In an interview in Salima yesterday on the sidelines of a media orientation on HIV and Aids trends in Malawi as well as the 2020-2025 National Strategic Plan for HIV and Aids, the acting executive director said the national strategic plan has overarching targets to combat the virus and ensure those who get HIV are immediately put on antiretroviral therapy (ART).

Voluntary testing reduces the spread of Aids

He said: “We are sure to meet the targets despite the Covid-19 pandemic as per our national strategic plan of 2020-2025 and the UN goal of ending Aids by 2030.”

Malawi has been registering significant progress in meeting the UN 90-90-90 targets to end Aids by 2030 despite facing challenges in addressing new infections.
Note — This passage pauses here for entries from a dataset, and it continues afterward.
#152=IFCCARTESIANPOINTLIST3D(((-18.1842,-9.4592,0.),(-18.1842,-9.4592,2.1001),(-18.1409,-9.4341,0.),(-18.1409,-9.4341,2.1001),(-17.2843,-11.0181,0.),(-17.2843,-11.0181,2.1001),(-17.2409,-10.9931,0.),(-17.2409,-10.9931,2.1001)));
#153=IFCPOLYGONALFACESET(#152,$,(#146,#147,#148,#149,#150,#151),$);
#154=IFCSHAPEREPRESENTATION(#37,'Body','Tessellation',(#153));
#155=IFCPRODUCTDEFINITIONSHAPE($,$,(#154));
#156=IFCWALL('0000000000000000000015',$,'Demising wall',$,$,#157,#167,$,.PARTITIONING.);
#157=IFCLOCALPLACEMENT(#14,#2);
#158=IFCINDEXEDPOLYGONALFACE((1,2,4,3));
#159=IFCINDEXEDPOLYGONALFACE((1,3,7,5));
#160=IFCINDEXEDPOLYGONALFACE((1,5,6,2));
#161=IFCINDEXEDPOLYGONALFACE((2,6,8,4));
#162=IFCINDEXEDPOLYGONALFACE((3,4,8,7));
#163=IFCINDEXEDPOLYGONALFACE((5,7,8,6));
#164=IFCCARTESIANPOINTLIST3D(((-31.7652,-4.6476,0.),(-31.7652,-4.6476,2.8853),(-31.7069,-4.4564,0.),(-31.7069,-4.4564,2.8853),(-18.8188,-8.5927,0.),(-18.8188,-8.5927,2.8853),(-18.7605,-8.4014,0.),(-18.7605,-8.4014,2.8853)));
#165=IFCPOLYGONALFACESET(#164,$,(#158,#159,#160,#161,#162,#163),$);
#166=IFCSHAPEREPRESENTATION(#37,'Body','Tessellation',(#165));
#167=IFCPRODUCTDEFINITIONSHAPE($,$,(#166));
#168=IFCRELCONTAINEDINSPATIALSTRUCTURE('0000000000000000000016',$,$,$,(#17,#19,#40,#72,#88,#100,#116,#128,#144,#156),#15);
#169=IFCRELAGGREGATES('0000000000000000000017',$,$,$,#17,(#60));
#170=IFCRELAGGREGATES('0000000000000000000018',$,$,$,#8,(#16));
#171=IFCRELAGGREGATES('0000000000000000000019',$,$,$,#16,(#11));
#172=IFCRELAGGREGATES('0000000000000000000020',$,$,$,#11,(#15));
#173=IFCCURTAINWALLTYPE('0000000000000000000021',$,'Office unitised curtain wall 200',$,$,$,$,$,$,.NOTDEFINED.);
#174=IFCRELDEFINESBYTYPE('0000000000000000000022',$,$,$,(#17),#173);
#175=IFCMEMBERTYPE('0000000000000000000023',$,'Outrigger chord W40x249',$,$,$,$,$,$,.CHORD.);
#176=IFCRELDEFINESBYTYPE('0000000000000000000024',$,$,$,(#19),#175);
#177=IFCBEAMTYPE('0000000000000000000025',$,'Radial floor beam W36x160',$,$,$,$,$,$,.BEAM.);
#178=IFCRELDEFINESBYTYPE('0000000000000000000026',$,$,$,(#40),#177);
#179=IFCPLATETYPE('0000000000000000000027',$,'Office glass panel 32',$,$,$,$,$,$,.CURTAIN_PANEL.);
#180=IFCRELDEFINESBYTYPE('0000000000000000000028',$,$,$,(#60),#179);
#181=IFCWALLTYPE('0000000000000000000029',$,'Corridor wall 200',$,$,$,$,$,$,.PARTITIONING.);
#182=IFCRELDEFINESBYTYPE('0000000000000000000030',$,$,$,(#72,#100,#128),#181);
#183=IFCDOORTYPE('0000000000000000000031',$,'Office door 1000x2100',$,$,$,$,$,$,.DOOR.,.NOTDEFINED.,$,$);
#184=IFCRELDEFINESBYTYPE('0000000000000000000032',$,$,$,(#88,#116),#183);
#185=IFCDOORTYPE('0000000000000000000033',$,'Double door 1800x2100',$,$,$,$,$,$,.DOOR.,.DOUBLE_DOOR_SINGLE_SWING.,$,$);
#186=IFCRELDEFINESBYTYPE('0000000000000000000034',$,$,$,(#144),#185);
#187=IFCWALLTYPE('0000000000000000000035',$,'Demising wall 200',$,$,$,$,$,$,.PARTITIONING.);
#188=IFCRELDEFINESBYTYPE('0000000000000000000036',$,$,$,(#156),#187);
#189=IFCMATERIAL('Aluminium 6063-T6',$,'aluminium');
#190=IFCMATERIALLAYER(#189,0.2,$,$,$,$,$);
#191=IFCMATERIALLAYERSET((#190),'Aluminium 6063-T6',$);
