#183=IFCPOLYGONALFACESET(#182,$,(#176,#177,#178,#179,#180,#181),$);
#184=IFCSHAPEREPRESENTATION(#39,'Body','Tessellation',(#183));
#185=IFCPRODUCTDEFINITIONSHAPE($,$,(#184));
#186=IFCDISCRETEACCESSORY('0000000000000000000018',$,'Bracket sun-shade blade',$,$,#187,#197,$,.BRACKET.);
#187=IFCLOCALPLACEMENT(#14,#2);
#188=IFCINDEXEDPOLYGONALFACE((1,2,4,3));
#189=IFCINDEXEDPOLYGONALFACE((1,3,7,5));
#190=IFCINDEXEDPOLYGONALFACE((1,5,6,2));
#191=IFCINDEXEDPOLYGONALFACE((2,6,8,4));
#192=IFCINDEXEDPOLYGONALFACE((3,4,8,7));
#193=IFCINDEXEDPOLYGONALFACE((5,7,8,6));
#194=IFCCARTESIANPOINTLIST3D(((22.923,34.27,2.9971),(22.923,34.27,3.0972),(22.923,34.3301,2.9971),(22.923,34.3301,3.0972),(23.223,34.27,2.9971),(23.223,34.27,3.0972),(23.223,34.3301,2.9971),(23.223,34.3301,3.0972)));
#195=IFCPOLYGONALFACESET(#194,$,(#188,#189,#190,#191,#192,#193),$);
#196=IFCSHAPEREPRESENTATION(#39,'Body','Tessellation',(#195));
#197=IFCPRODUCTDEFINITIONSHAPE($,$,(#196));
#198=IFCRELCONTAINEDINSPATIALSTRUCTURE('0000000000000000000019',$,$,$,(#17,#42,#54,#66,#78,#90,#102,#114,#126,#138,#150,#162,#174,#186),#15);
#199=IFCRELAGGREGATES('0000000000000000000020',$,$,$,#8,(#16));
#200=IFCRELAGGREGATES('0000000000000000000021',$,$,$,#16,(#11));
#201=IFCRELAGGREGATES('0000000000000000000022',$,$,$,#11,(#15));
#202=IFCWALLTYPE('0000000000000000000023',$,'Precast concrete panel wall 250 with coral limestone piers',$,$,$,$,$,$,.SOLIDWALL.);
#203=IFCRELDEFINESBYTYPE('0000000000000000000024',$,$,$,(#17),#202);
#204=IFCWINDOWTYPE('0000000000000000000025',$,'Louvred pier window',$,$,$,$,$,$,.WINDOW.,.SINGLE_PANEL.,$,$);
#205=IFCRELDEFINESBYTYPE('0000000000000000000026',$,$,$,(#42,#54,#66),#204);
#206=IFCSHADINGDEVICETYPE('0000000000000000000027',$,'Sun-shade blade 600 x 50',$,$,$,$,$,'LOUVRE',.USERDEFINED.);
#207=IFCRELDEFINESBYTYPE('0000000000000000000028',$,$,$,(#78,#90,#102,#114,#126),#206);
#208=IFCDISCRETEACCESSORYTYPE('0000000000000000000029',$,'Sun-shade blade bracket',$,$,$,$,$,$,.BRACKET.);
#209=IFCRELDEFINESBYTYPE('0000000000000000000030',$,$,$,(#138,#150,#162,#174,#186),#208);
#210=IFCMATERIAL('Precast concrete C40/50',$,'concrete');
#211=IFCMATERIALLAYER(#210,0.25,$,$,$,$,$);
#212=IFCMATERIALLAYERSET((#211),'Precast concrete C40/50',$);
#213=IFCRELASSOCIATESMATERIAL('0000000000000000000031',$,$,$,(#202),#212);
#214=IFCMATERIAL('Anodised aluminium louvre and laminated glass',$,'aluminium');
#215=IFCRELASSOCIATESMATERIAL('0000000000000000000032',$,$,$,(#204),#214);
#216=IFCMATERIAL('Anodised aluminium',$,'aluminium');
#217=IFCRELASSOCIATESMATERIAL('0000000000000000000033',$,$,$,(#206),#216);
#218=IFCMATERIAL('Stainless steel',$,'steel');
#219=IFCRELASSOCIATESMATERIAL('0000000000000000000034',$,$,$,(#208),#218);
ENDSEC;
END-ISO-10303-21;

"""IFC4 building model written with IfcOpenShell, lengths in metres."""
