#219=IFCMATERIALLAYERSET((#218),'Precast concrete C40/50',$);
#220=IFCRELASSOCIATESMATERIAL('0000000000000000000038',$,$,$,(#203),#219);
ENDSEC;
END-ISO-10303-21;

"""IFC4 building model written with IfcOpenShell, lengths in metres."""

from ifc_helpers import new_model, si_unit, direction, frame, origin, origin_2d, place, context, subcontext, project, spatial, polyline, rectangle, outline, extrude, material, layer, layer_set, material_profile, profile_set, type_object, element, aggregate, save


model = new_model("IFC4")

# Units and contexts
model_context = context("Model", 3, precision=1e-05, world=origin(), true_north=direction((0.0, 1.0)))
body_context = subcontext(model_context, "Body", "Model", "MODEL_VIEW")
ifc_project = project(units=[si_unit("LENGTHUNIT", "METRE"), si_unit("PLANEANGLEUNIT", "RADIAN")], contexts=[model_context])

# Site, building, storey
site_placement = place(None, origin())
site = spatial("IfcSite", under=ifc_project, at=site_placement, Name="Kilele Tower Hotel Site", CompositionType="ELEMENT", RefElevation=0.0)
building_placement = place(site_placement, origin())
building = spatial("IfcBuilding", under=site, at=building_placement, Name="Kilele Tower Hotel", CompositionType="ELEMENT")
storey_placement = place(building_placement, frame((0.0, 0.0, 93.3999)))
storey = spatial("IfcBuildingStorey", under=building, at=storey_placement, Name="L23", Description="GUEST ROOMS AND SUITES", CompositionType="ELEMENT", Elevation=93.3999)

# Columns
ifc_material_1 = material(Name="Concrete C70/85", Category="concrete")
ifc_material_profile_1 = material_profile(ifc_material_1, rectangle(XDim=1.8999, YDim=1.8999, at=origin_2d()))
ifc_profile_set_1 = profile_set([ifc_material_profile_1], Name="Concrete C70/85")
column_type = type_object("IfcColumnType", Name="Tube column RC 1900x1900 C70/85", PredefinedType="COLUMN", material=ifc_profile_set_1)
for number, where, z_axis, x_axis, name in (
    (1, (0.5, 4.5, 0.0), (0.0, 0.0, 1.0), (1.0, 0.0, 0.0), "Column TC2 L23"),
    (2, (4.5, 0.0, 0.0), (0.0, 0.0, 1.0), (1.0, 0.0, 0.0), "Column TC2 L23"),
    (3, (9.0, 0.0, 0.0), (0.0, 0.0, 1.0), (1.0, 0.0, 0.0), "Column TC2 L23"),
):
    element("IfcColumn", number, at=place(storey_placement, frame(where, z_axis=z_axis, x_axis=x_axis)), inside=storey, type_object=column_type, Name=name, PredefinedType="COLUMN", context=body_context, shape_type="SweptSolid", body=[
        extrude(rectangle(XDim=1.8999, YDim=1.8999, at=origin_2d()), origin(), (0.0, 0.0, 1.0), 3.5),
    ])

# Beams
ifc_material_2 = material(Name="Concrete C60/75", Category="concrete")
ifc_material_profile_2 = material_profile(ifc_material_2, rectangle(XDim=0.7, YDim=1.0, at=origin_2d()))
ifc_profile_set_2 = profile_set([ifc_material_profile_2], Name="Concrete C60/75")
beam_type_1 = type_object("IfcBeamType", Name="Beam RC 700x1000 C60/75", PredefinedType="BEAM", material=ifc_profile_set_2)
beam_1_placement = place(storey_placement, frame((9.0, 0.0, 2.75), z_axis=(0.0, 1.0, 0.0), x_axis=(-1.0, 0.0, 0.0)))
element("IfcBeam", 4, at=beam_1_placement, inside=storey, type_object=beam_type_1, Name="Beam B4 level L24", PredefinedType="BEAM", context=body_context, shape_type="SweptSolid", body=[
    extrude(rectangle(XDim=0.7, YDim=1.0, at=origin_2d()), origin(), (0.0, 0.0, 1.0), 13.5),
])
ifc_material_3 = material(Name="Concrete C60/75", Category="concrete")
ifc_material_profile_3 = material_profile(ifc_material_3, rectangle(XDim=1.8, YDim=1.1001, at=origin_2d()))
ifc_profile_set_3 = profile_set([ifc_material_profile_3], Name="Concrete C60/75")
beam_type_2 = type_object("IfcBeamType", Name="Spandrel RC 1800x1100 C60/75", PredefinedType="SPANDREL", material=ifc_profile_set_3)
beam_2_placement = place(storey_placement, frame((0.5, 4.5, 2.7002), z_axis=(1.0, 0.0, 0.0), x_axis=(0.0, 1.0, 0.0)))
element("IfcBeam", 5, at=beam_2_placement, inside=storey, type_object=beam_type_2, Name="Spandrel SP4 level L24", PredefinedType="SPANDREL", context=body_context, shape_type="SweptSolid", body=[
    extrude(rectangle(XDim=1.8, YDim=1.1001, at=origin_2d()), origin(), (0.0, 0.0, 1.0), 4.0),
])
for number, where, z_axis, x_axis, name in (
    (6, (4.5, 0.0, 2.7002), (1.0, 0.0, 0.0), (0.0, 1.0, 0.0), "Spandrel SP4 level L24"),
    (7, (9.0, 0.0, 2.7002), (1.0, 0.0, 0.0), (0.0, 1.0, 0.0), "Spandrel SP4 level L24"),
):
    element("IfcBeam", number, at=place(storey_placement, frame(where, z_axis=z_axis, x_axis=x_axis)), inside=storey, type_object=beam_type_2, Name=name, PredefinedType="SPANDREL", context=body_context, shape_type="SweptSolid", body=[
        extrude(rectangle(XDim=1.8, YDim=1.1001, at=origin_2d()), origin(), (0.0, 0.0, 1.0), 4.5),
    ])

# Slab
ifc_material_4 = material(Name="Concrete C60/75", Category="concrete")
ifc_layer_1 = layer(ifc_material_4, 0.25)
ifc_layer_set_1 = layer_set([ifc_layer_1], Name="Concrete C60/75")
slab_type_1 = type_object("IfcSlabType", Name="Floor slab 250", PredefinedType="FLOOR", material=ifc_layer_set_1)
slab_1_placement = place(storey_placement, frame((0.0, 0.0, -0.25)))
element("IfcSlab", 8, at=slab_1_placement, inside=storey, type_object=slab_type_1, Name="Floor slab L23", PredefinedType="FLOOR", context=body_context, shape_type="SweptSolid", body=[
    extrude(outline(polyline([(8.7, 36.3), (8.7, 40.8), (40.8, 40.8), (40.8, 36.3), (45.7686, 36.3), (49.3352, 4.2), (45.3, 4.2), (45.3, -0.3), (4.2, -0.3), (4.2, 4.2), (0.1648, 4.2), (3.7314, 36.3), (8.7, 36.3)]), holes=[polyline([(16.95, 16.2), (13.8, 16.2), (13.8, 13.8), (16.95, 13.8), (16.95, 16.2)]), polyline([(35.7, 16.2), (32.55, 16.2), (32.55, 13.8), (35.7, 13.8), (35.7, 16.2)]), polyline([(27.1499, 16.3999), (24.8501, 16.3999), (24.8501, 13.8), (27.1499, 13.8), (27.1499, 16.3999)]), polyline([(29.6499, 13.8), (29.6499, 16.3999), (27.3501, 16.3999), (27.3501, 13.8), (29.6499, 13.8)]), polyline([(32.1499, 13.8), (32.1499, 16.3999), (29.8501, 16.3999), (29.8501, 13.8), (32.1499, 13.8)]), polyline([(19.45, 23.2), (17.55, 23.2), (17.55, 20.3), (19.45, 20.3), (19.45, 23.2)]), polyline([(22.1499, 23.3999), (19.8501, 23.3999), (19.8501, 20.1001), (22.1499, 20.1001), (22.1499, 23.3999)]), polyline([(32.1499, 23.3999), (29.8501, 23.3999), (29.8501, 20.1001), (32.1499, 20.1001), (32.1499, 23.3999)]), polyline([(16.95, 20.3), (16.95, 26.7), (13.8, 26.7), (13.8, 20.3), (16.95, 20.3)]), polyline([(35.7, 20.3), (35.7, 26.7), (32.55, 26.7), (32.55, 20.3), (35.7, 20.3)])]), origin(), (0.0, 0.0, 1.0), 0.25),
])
The 90-90-90 targets stipulated that by 2020, 90 percent of all people living with HIV will know their status, 90 percent of all people diagnosed with HIV infection will receive sustained ART and 90 percent of all people receiving ART will have viral suppression.

Gonani said by 2030, Malawi will have defeated HIV, meaning fewer people will have the virus, there will be fewer deaths from Aids and the virus will be undetectable in people due to viral load suppression.

In terms of the progress in line with the national strategic plan and the UN targets, he said as of 2020, Malawi had beaten the UN targets by getting 92 percent of the population to know their HIV status, 95 percent of people who immediately start ART after getting the virus and 94 percent of people whose viral load is suppressed above UN targets.

“We would like to see that by 2025 we should reach 95 percent of all the three targets. As we reach 2030, we should reach 100 percent,” Gonani said.

Recently, President Lazarus Chakwera said the strides Malawi has made in fighting HIV and Aids should spur the nation towards achieving the goal of eliminating HIV as a public health threat by 2030.

He said: “I believe it is important for us to reinvigorate HIV prevention efforts and fast-track implementation of interventions to stop the spread.”

In 2020, the International Aids Society in collaboration with Amfar Institute for HIV Cure Research and Friends of the Global Fight Against Aids, Tuberculosis and Malaria named Malawi among six locations in the world that had registered a dramatic reduction in HIV incidence and mortality through policy changes to end Aids by 2030.

In 2015, the global community met in New York and made a declaration which was endorsed by UN member States to fast-track ending Aids as a public health problem by 2030.